Тень за правым плечом - Александр Львович Соболев
Это был отель Хартман на углу Картнерринг и еще какой-то улицы, которую я не запомнила, охваченная странным ознобом: может быть, у меня действительно начиналось что-то вроде лихорадки, несмотря на то что мы устойчивы к земным болезням. Еще в первых двух посещенных гостиницах я испробовала подходящий тон и предлог: подходила с деловитым видом к портье и говорила ему, что я принесла из конторы Тома Кука пакет для мадам и месье Гродецких. С одной стороны, конечно, я не слишком подходила на роль мальчика-рассыльного, с другой — кто знает, что было в том самом конверте и какую весть я должна была им сообщить! Собственно, архангел Гавриил тоже бывал посыльным особого рода, что не смущает ни богословов, ни иконописцев. В первом же отеле к моей миссии отнеслись со всей серьезностью: заросший седой шерстью портье, не доверяя своей памяти, листал книгу записей гостей и даже зачем-то смотрел ее страницы на свет, как будто ожидая, что имена Гродецких вдруг выступят там, как «мене текел фарес» на стене. Во втором просто отмахнулись — «у нас такие не останавливались», а вот в третьем бойкая дамочка в чепце, чудом державшемся на ее кудряшках, показала куда-то за мою спину: «Так вот же они!»
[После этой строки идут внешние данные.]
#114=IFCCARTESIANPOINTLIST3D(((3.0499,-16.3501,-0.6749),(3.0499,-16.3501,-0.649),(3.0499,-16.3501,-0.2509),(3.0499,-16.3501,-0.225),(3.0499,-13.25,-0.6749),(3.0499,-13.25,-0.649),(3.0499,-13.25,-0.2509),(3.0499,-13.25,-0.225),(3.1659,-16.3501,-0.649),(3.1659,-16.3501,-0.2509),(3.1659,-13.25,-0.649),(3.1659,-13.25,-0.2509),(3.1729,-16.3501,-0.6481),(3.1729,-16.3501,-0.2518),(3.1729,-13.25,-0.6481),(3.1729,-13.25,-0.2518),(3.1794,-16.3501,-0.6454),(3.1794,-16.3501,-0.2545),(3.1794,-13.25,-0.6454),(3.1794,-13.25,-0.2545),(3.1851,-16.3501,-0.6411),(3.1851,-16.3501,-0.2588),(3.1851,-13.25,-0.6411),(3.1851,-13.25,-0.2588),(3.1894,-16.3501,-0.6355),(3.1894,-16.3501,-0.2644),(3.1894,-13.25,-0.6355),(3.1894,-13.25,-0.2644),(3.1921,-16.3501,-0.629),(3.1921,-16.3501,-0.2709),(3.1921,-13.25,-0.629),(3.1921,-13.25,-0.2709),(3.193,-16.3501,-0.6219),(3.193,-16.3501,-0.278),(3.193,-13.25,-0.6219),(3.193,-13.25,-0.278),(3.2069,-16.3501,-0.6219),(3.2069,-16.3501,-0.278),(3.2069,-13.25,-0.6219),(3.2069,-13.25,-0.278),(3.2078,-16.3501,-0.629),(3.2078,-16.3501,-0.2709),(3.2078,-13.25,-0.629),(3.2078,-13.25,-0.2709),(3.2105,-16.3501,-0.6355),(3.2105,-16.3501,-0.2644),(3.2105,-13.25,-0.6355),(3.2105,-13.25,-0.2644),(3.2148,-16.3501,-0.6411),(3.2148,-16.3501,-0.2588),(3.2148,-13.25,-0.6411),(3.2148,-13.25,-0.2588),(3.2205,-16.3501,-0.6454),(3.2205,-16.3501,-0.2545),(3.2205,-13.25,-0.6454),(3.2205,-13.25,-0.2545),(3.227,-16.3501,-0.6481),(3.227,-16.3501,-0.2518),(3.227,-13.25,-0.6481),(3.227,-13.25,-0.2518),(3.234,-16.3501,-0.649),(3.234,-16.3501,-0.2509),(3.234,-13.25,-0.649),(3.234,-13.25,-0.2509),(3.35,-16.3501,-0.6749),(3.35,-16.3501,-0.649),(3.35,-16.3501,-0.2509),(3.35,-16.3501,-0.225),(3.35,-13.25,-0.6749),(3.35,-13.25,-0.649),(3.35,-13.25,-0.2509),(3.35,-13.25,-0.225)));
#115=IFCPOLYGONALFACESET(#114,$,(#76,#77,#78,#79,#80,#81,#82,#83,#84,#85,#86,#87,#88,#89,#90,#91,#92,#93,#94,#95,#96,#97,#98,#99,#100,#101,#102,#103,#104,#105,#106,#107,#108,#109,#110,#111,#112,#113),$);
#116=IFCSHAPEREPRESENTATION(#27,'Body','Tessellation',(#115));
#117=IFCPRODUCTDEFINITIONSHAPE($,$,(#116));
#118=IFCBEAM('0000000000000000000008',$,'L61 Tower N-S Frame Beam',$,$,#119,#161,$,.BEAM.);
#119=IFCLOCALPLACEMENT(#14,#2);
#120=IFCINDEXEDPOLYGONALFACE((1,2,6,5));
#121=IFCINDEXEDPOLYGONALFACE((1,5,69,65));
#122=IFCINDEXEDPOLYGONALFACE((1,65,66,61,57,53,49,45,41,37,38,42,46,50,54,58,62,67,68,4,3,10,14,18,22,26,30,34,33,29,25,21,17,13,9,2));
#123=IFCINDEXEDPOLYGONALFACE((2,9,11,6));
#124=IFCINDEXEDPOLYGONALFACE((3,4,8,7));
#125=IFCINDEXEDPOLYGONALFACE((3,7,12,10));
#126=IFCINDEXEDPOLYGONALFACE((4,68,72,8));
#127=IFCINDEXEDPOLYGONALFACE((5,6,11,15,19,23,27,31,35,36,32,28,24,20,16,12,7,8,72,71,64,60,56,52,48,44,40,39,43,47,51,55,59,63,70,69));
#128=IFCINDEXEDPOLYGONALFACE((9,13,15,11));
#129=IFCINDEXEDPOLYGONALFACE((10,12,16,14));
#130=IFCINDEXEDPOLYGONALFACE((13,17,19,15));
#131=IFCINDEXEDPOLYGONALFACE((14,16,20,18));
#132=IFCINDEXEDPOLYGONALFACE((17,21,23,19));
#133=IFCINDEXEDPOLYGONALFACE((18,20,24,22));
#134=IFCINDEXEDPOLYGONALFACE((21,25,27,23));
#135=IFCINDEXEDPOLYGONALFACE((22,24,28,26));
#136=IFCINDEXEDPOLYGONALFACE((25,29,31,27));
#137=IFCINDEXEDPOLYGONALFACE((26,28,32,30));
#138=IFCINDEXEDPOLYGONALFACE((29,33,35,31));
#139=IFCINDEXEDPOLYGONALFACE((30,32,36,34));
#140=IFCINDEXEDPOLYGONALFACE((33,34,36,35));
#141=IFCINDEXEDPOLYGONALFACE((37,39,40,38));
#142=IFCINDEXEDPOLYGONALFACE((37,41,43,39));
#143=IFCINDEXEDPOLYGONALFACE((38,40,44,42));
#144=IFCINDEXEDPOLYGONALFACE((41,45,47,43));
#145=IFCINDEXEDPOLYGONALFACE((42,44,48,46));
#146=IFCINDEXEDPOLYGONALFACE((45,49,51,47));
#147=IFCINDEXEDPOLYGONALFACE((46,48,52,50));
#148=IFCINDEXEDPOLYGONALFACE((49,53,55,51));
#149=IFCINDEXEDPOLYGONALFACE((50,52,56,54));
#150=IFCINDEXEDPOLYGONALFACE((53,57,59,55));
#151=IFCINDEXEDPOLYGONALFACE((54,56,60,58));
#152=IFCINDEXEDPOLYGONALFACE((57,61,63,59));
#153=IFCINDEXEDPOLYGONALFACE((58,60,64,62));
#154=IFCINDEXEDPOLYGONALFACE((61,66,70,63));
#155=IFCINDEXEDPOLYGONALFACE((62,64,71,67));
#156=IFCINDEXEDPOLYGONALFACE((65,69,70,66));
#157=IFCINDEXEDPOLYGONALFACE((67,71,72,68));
В светлом, наполненном электрическими огнями холле отеля по австрийской моде во все стены и колонны были вделаны десятки зеркал, что привело к устрашающему эффекту: как будто десятки знакомых лиц разом обступили меня со всех сторон. Смешавшись, я сперва даже не могла понять, кто из них — единственный оригинал, а кто — возникшее отражение. Из этого затруднения они вывели меня сами, решительно направившись ко мне. Первым, широко шагая, шел сам Михаил Дмитриевич, таща за собой своих спутниц, — и я с нарастающей волной тошноты увидела, что лапка Стейси доверчиво лежала в его ручище, покуда он сам ее не отнял. Дамочка-портье, на которую я машинально взглянула, продолжала еще по инерции улыбаться, радуясь удачному совпадению, но черты ее понемногу каменели, затуманиваясь: очень уж недовольными выглядели постояльцы.
— Я решительно просил бы вас, Серафима Ильинична, оставить меня и мою семью в покое, — проговорил Гродецкий, подходя. — Не будь вы дамой, я нашел бы способ наказать вас за привязчивость, но, если это невыносимое преследование будет продолжаться, ей-богу, я могу и забыть про то, что вы дама.
Он стоял передо мной, нервно потирая руки и смотря куда-то на носки своих ботинок. Мамарина, рассеянно улыбаясь, взглянула на меня и снова отвела глаза. Дама за стойкой, поняв, что происходит что-то странное (Гродецкий, естественно, говорил по-русски), спросила, все ли в порядке и не нужно ли позвать швейцара. Мамарина покачала головой. Стейси сделала шаг вперед, и на долю мгновения мне показалось, что она хочет заступиться за меня.
— Право, крёсочка, — сказала она, дотронувшись до рукава моего платья. — Не надо. Оставь нас.
Больше всего мне хотелось умереть прямо там: по крайней мере, для всех, кроме, может быть, владельца отеля, это было бы лучшим выходом. Но вместо этого я как будто оцепенела — наверное, что-то похожее чувствует рыба, вытащенная из воды, или, напротив, утопленник в те последние минуты, когда легкие его уже заполнены водой, но мозг еще продолжает работать. Про последнее я могла бы спросить своего безмолвного друга, если бы он на этот раз счел нужным мне ответить. Как сквозь сон или туман я видела, как Гродецкий уводит свою жену и падчерицу, как сотни их двойников поворачиваются в многочисленных зеркалах ко мне спиной, входят в лифт, уезжают прочь; как дама в кудряшках и чепце ведет меня под руку к бархатной кушетке и звонит в колокольчик; как другая, точное ее подобие, словно вышедшее из зеркала, подносит мне стакан с водой. Просидев несколько минут, я вышла через крутящиеся двери на улицу, на негнущихся ногах дошла до бульвара и вновь опустилась на скамью.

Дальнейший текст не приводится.